[HACKERS] Active zombies at AIX - Mailing list pgsql-hackers

From Konstantin Knizhnik
Subject [HACKERS] Active zombies at AIX
Date
Msg-id 06f4d085-e2a5-83a7-919a-cb5a878f9e42@postgrespro.ru
Whole thread Raw
Responses Re: [HACKERS] Active zombies at AIX  (Tom Lane <tgl@sss.pgh.pa.us>)
Re: [HACKERS] Active zombies at AIX  (Konstantin Knizhnik <k.knizhnik@postgrespro.ru>)
List pgsql-hackers
Hi hackers,

Yet another story about AIX. For some reasons AIX very slowly cleaning zombie processes.
If we launch pgbench with -C parameter then very soon limit for maximal number of connections is exhausted.
If maximal number of connection is set to 1000, then after ten seconds of pgbench activity we get about 900 zombie processes and it takes about 100 seconds (!)
before all of them are terminated.

proctree shows a lot of defunt processes:

[14:44:41]root@postgres:~ # proctree 26084446
26084446 /opt/postgresql/xlc/9.6/bin/postgres -D /postg_fs/postgresql/xlc
4784362 <defunct>
4980786 <defunct>
11403448 <defunct>
11468930 <defunct>
11993176 <defunct>
12189710 <defunct>
12517390 <defunct>
13238374 <defunct>
13565974 <defunct>
13893826 postgres: wal writer process
14024716 <defunct>
15401000 <defunct>
...
25691556 <defunct> But ps shows that status of process is <existing>

[14:46:02]root@postgres:~ # ps -elk | grep 25691556

  • A - 25691556 - - - - - <exiting>

Breakpoint set in reaper() function in postmaster shows that each invocation of this functions (called by SIGCHLD handler) proceed 5-10 PIDS per invocation.
So there are two hypothesis: either AIX is very slowly delivering SIGCHLD to parent, either exit of process takes too much time.
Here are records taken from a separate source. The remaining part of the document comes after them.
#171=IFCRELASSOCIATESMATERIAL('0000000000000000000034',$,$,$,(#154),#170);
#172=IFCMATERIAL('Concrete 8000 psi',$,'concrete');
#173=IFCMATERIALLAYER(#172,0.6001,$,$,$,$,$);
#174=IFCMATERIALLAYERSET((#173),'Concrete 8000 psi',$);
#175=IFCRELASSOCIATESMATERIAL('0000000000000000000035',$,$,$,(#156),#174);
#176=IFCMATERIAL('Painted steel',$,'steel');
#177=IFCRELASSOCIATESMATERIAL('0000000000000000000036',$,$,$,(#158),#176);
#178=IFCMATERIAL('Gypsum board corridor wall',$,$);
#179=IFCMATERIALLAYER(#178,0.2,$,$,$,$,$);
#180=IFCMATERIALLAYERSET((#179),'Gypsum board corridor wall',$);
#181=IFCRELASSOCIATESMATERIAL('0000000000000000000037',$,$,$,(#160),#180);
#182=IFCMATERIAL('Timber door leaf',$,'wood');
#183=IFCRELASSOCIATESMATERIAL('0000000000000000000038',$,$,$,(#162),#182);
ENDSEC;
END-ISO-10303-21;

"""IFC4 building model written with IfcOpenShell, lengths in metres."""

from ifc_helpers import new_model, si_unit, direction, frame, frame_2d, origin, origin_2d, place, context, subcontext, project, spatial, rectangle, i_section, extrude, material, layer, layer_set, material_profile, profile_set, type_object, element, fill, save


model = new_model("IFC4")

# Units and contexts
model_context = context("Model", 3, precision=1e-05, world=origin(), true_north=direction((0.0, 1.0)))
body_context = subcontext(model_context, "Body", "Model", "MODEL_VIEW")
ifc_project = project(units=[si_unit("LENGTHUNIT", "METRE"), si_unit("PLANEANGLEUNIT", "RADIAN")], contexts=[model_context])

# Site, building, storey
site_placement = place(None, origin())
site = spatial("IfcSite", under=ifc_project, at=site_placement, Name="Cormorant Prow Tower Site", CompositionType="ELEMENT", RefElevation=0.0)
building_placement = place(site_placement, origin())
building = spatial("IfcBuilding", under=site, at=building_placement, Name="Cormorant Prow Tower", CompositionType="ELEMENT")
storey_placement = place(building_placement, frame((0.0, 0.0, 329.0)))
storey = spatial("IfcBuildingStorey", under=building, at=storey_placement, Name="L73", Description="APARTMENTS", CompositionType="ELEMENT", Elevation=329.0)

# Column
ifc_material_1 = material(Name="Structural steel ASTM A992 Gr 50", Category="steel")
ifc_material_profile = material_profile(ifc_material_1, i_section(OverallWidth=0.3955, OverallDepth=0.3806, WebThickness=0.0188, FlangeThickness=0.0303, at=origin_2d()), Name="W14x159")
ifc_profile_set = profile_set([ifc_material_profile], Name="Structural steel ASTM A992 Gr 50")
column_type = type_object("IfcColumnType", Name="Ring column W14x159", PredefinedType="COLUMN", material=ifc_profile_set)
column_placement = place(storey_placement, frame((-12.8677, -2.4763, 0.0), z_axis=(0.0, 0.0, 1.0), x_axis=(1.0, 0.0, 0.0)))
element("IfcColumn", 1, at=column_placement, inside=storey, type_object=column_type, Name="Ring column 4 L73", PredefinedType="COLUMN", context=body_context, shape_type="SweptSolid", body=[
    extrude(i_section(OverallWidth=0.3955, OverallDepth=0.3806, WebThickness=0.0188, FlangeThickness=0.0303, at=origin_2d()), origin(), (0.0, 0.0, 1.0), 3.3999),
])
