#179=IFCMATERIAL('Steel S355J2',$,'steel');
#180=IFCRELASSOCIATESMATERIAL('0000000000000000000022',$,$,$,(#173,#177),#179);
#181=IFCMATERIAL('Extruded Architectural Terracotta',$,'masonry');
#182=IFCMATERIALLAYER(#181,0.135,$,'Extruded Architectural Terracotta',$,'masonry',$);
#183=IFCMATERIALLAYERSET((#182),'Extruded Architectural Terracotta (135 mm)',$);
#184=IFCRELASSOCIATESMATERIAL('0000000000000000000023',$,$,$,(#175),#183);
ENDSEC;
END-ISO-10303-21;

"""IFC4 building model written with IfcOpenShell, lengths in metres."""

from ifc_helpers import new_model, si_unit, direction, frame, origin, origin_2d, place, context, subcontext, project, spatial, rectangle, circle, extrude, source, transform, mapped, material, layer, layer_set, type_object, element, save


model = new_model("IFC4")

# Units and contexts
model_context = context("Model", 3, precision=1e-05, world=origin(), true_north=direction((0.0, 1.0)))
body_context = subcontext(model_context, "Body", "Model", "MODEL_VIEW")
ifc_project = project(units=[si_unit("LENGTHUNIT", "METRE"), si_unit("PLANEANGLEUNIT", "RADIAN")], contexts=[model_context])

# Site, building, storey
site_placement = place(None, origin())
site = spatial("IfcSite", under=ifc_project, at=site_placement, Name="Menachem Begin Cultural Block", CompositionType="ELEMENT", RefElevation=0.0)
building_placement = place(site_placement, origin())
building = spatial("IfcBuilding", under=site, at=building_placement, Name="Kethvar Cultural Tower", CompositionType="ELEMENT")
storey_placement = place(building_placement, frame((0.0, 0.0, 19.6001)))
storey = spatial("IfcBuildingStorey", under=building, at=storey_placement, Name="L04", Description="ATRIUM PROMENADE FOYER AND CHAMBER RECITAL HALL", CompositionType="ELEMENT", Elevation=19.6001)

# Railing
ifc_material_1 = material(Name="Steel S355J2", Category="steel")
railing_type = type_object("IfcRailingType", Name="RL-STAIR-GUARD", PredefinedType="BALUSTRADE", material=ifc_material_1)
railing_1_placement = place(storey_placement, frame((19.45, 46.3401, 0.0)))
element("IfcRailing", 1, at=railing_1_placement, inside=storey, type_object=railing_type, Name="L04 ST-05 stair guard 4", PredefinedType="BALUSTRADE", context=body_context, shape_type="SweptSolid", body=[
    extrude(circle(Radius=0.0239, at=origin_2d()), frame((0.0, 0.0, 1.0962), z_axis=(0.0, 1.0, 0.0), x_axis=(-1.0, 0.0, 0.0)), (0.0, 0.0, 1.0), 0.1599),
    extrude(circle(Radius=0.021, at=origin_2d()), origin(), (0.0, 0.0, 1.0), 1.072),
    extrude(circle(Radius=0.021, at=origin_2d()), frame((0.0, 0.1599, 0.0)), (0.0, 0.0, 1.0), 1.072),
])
The fact the backends are in exiting state makes second hypothesis more reliable.
We have tried different Postgres configurations with local and TCP sockets, with different amount of shared buffers and built both with gcc and xlc.
In all cases behavior is similar: zombies do not want to die.
As far as it is not possible to attach debugger to defunct process, it is not clear how to understand what's going on.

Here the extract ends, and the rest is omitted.